I didn't list any values, but I can basically tell you the simple but effective circuit mods I settled on, to help trace the circuit or for anyoen interested... I've got a .001uf cap to ground off the input to shave highs for tracking.  I've got stage two biased with the stock cap and a 4.7K resistor to ground off the emitter, hard wired, for the highest gain range from breadboarding trial and error with various resistor values.  There is no clean signal path because I'm going for the 'wacko' and 'synthy' tones, so no mix pot needed.  The .47uF cap after Q2 is easier as an electrolytic 1uF. I've got a .022uf cap to ground (again for tracking purposes) right after the diode meets Q3's base.  At the output, I'll wire up a .001 cap switched in and out of the circuit to choose between a 'toothy high end' tone or a more filtered, bleepy tone, both of which are usable, though I tend to like the high end filtering more with my rig.  I use this  exclusively with a vintage-output style neck pickup, and the caps keep me from having to do any tone knob twiddling with my rig, but YMMV.  Otherwise, I think I left everything as is...  :icon_wink:  I call it 'shocky' for fun, thanks to Joe Davisson, and hope this is cool with him.

Aa for the layout - I do realize it's a tad dangerous, given things like putting a + and - strip next to each other...I kept trying to find an alternative, but if there is a good one, I certainly never found it, and as I said above, I settled on the layout compromises given that I can keep it in a smaller box, given my amateur drilling/stripboard layout/pedal layout skills.
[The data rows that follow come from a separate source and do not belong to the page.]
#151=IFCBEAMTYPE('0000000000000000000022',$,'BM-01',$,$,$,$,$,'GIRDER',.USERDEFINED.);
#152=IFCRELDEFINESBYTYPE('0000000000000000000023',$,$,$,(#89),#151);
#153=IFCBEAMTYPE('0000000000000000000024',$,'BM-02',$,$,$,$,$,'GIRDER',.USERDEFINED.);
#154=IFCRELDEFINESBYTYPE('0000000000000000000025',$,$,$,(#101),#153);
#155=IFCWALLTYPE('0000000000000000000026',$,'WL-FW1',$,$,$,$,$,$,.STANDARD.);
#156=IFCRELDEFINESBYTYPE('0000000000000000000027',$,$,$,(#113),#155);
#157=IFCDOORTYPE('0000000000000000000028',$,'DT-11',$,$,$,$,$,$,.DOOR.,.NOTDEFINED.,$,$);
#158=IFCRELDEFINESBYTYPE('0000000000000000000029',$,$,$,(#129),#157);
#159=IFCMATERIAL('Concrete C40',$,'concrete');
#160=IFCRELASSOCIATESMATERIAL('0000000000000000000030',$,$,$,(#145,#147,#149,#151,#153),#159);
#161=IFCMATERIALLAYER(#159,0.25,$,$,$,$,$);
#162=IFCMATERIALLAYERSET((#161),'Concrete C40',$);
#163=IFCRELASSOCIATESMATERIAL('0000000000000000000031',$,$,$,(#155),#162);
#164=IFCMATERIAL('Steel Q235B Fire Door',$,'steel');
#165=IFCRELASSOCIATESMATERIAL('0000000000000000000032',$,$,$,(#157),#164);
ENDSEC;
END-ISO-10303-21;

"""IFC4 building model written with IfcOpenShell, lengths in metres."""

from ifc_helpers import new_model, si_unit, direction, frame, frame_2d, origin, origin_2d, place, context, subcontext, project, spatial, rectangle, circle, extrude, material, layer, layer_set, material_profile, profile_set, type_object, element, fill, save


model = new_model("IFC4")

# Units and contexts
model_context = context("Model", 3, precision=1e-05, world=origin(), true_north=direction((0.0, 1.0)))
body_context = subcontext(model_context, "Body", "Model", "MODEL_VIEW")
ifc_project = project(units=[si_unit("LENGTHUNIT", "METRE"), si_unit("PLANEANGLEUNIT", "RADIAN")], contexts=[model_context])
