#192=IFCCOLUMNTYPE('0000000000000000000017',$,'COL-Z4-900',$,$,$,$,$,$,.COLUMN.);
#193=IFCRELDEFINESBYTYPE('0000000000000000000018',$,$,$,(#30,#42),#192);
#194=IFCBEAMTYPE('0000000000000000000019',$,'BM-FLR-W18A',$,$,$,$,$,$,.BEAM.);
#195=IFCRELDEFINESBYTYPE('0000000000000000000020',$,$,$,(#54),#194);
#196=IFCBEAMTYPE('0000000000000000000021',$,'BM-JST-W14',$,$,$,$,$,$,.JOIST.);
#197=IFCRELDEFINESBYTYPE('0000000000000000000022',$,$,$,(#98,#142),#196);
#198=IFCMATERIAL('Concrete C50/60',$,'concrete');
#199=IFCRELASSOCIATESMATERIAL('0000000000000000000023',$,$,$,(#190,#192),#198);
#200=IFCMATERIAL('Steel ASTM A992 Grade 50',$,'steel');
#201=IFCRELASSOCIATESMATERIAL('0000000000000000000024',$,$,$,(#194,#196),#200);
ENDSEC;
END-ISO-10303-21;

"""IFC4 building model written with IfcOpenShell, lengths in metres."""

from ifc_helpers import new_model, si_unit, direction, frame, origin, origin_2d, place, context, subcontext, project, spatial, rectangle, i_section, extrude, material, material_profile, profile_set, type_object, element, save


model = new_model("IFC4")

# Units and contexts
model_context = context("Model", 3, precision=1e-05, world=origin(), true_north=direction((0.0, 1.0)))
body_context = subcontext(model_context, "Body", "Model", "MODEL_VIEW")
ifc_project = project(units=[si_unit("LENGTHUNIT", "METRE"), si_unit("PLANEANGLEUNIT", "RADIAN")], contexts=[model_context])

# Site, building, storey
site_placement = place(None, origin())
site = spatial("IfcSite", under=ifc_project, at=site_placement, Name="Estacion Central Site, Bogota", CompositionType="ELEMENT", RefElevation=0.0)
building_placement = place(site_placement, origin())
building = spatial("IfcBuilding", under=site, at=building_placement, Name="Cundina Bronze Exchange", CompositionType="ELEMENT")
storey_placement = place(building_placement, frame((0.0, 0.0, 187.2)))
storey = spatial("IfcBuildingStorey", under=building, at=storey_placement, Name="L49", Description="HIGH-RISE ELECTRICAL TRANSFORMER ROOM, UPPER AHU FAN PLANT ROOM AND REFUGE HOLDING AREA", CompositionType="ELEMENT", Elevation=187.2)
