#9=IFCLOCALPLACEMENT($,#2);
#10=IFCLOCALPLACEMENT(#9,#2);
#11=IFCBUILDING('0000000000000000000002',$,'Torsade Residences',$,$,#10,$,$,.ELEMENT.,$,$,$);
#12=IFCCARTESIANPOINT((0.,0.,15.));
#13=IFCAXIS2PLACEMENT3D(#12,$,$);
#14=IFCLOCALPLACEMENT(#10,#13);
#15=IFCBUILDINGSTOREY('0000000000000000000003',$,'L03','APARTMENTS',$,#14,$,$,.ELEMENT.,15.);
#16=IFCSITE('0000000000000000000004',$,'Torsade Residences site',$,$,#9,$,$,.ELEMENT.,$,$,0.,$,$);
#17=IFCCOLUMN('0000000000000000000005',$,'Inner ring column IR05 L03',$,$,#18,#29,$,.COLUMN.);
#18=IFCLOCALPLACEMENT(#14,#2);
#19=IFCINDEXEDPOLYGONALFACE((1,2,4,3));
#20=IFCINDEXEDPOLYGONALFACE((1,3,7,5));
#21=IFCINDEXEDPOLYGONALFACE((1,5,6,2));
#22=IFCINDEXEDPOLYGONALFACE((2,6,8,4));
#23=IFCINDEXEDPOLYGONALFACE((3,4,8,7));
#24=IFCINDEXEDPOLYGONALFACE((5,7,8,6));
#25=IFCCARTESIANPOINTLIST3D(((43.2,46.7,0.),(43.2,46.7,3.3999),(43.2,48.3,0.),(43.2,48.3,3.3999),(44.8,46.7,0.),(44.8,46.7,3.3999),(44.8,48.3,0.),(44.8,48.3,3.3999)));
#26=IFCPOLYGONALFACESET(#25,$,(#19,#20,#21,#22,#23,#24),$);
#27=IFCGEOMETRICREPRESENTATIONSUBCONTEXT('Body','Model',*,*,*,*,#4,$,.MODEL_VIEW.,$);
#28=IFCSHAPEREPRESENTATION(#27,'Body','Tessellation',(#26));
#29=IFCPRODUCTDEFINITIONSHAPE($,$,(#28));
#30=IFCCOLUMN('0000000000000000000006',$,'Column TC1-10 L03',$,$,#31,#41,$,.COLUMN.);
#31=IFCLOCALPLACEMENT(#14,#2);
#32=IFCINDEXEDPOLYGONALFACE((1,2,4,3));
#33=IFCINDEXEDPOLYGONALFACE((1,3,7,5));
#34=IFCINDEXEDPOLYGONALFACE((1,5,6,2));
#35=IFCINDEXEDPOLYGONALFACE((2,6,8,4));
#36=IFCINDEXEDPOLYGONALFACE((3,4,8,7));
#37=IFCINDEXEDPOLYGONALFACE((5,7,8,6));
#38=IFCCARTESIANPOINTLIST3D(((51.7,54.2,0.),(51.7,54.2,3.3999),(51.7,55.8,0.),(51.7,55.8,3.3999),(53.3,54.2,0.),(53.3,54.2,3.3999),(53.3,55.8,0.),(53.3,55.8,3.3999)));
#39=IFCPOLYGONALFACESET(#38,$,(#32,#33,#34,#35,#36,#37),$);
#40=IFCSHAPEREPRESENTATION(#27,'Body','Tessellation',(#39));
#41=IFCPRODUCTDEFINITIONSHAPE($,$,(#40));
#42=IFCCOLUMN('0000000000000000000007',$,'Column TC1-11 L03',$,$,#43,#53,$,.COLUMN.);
Everytime I look at it, I still see things I know I'd change, this time no exception.  :)  That said, any help and suggestions for my layout andf layouts in general would be helpful.
Breadboard it!

LEON.01


Paul Perry (Frostwave)

I have a spot face cutter - just like the Maplin one - but i prefer a short drill bit (as used to prepare holes for pop rivets) held in a chuck with a T-bar through it.
I proto everything on vero.

liquids

I appreciate all the info offered above!

As for the layout, I updated the link to a version of the layout that is corrected--some of the BJT's were positioned backwards, etc.  I also tweaked it a bit as I continue to learn more about how to use the program.  All of this is just for good measure in case anyone else is trying it out.

It's pretty much verified, except that the version I have working is not exactly as above, but should function exactly the same, only the above looks a lot nicer than mine.  It was, overall, fairly easy, and my only real troubleshooting issue was having the transistors in backwards (as noted above, a good system for figuring what things should look like trace side down, board side up, etc I now see is extremely important) and some stray solder bridging the output to ground.  After figuring that out, it was good to go!  I'm really happy with it, and can't wait to get the box to drill so I can start turning heads with the sounds from outer space at practice.  :icon_mrgreen:
Breadboard it!

Renegadrian

Quote from: LEON.01 on February 11, 2009, 06:29:16 AM

http://www.maplin.co.uk/module.aspx?moduleno=1926

One of the only things Maplin are good for! Expensive, but neat and tidy!

I just use my small knife...
I love vero, both laying  things out and soldering components on it - I just don't like perf...
Done an' workin'=Too many to mention - Tube addict!

punkin

Hmm...haven't tried using those types of boards yet...only perforated types. Can't seem to find them at my local RadioShack :icon_neutral:
Ernie Ball Music Man - JPM, THD Univalve, Grace Big Daddy, PepperShredder, BSIAB2, FireFly Amplifier.